# Coati Mundi - true story



## Otto-de-froste (May 20, 2005)

Took our Cavalier King Charles to the vet yesterday, and met a guy with a Coati and a skunk.

I was able to handle the Coati and let it chew my fingers; a really cute little fellar

Coati is pronounced CO AR TI, by the way

Anyhoos; I related story to SWMBO before she went to her night shift at the nursing home

Mrs de F, trying to engage residents in conversation told an old dear of my encounter, and asked her
"Do you know what a Coati is?"


The old dear (going a bit deaf) replied
"Yes I do duck. It's a martial art" 

You couldn't make it up

:roll: tto


----------



## BwB (Dec 5, 2009)

:lol: 

bless 'em. Wasn't my mom was it?
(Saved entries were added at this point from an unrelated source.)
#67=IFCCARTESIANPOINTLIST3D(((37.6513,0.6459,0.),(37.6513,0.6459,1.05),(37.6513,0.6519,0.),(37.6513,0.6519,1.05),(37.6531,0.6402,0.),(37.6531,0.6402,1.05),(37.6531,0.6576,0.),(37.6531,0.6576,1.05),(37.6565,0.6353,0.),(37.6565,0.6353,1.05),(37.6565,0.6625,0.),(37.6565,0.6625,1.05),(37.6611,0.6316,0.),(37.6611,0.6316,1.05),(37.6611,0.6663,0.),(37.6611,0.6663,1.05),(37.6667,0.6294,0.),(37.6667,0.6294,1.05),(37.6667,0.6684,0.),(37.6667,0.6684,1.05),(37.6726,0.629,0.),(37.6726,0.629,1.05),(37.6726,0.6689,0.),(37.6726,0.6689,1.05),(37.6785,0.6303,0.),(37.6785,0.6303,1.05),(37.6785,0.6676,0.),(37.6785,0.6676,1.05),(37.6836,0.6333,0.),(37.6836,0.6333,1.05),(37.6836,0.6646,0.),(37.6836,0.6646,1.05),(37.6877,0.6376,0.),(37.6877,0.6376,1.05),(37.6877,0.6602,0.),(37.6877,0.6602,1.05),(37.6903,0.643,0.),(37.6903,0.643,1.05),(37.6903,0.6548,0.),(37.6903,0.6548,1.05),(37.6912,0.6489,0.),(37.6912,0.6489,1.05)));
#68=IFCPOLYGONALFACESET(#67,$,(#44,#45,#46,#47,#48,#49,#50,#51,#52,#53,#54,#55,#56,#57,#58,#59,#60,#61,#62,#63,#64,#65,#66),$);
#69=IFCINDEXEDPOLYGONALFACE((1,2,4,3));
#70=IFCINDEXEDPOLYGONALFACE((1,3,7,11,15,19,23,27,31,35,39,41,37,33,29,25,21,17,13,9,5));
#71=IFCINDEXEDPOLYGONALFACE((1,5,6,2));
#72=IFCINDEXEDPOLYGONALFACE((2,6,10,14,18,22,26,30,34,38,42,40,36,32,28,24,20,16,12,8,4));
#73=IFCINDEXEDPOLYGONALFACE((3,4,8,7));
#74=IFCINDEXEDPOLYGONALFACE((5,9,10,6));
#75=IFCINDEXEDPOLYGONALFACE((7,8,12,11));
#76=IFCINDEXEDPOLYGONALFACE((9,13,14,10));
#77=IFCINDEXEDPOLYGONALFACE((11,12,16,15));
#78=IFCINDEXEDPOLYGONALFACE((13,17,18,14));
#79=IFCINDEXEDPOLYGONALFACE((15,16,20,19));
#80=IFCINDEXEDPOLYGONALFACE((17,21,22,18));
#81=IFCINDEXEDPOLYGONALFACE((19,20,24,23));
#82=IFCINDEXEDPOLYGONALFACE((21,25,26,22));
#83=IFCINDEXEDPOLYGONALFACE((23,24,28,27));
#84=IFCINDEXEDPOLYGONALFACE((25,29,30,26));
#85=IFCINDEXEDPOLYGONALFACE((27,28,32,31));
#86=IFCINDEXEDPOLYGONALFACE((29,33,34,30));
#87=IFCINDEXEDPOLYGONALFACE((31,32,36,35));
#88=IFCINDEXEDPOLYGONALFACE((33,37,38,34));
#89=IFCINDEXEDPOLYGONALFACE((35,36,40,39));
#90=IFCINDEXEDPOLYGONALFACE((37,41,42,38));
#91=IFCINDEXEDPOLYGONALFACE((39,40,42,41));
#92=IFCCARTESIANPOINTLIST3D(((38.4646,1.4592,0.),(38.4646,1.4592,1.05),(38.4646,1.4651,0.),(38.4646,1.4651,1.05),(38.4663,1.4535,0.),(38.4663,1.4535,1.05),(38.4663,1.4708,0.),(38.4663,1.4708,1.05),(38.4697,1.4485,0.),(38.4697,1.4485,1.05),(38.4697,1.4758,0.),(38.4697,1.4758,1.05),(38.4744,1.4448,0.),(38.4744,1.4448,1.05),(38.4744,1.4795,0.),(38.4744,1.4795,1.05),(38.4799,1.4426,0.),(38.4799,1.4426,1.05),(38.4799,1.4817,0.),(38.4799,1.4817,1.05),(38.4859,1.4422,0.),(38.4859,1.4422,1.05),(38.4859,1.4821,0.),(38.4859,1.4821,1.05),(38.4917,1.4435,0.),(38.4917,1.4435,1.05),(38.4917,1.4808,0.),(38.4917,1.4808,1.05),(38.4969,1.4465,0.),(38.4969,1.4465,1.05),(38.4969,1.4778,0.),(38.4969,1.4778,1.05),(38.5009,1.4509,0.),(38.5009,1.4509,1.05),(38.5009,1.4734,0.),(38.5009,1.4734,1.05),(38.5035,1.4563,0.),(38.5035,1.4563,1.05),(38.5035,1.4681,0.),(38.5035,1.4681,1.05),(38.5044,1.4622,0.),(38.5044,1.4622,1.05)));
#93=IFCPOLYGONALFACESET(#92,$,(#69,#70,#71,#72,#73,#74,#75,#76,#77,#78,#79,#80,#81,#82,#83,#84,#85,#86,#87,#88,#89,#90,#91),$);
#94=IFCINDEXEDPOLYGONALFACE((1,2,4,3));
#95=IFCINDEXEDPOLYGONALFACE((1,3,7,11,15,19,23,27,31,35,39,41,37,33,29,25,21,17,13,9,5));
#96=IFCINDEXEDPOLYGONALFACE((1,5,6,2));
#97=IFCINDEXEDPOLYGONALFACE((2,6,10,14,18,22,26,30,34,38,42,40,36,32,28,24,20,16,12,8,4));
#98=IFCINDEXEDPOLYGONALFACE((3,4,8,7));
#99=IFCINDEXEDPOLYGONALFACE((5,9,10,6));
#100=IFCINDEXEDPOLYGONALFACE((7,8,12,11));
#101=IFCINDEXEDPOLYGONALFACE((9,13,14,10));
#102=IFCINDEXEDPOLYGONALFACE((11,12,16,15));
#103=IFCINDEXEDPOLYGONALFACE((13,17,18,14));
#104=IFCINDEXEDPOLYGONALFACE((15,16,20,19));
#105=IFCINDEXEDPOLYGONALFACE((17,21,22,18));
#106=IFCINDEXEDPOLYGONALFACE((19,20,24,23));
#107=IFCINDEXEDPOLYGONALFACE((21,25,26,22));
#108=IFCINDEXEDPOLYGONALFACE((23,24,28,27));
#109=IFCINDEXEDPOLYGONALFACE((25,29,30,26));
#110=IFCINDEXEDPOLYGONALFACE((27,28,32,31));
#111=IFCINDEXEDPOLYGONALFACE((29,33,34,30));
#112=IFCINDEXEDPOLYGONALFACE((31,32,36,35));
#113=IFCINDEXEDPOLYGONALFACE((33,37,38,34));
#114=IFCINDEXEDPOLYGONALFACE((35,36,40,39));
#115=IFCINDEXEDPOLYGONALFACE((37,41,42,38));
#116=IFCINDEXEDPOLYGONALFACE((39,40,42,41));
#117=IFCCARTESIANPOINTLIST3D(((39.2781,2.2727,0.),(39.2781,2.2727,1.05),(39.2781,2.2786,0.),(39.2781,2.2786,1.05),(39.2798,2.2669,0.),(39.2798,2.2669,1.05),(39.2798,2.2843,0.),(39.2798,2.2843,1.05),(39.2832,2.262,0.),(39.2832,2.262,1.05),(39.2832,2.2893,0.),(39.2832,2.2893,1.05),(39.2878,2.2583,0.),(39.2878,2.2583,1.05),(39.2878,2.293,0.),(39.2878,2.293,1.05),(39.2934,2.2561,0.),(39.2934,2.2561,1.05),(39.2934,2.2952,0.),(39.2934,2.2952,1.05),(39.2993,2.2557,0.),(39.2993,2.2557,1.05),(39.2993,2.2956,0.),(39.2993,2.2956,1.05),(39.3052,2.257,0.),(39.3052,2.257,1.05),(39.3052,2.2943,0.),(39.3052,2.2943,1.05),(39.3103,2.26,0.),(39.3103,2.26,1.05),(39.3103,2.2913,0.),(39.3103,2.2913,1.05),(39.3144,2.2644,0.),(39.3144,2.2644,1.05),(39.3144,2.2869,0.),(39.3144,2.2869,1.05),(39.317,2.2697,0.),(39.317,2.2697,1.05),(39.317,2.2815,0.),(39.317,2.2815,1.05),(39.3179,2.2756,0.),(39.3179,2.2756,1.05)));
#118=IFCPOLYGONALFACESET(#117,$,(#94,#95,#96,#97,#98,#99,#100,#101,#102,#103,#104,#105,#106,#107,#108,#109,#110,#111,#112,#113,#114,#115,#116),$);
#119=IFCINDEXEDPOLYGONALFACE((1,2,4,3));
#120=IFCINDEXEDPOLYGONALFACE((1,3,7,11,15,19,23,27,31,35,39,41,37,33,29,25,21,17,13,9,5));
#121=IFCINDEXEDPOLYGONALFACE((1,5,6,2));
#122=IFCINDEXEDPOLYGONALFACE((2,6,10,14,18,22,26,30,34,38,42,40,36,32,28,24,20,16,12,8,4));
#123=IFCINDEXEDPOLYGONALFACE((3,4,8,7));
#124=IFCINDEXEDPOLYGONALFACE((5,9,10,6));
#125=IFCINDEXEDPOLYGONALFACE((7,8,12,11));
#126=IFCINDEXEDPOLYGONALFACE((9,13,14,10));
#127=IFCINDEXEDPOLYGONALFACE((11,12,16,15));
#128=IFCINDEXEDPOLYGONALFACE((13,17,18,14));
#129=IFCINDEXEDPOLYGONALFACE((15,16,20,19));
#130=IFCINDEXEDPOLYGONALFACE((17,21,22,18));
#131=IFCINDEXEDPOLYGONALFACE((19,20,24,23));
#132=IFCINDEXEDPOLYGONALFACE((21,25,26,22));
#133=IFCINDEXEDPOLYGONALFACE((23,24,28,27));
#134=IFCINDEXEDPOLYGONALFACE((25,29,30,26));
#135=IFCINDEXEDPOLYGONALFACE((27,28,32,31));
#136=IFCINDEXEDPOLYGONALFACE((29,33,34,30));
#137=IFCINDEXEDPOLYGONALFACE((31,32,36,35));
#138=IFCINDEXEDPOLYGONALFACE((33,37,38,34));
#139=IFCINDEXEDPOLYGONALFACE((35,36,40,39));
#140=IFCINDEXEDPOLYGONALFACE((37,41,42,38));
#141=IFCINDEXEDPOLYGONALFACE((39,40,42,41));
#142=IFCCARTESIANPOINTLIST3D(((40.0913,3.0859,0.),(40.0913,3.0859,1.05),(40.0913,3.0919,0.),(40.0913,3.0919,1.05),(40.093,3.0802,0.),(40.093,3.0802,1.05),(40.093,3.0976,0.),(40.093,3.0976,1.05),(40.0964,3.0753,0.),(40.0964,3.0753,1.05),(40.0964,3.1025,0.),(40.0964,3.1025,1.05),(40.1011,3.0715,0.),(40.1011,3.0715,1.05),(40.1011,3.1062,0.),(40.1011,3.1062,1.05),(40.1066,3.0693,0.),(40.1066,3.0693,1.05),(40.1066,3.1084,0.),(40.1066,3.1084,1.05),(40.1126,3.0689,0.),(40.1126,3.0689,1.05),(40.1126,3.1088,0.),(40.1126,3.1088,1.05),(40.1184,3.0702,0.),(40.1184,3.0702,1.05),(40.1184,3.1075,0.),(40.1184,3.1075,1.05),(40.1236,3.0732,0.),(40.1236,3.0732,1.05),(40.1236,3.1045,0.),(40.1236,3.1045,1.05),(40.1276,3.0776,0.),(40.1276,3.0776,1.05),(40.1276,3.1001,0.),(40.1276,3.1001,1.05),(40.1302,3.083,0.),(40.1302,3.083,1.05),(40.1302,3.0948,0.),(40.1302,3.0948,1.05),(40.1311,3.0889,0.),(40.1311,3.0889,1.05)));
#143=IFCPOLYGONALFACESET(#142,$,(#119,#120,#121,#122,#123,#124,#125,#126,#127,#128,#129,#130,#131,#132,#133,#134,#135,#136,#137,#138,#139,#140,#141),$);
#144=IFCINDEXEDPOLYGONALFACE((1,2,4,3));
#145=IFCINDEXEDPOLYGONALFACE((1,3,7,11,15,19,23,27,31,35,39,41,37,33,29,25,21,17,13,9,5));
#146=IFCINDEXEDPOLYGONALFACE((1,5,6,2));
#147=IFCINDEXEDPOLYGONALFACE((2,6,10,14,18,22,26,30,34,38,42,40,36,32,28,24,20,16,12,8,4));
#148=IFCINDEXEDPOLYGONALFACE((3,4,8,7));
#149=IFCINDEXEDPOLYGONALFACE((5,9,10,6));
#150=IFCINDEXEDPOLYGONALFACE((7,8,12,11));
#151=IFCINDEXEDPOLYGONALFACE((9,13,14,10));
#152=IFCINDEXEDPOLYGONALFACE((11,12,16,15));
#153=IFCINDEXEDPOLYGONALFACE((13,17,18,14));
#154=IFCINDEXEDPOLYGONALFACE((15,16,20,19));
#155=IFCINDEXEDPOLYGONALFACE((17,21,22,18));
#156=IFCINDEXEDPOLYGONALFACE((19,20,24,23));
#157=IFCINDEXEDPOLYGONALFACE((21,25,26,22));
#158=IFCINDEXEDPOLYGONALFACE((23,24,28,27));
Sounds like her


----------



## foll-de-roll (Oct 29, 2007)

WELL :? :? :? :? 



Andy


----------



## greenasthegrass (Oct 27, 2007)

What's a Coarti? 8O


----------



## neilbes (Oct 16, 2006)

this


----------



## pippin (Nov 15, 2007)

Coincidentally, last night I was doing a crossword in the bath (don't ask!) and one of the clues was "racoon-like animal".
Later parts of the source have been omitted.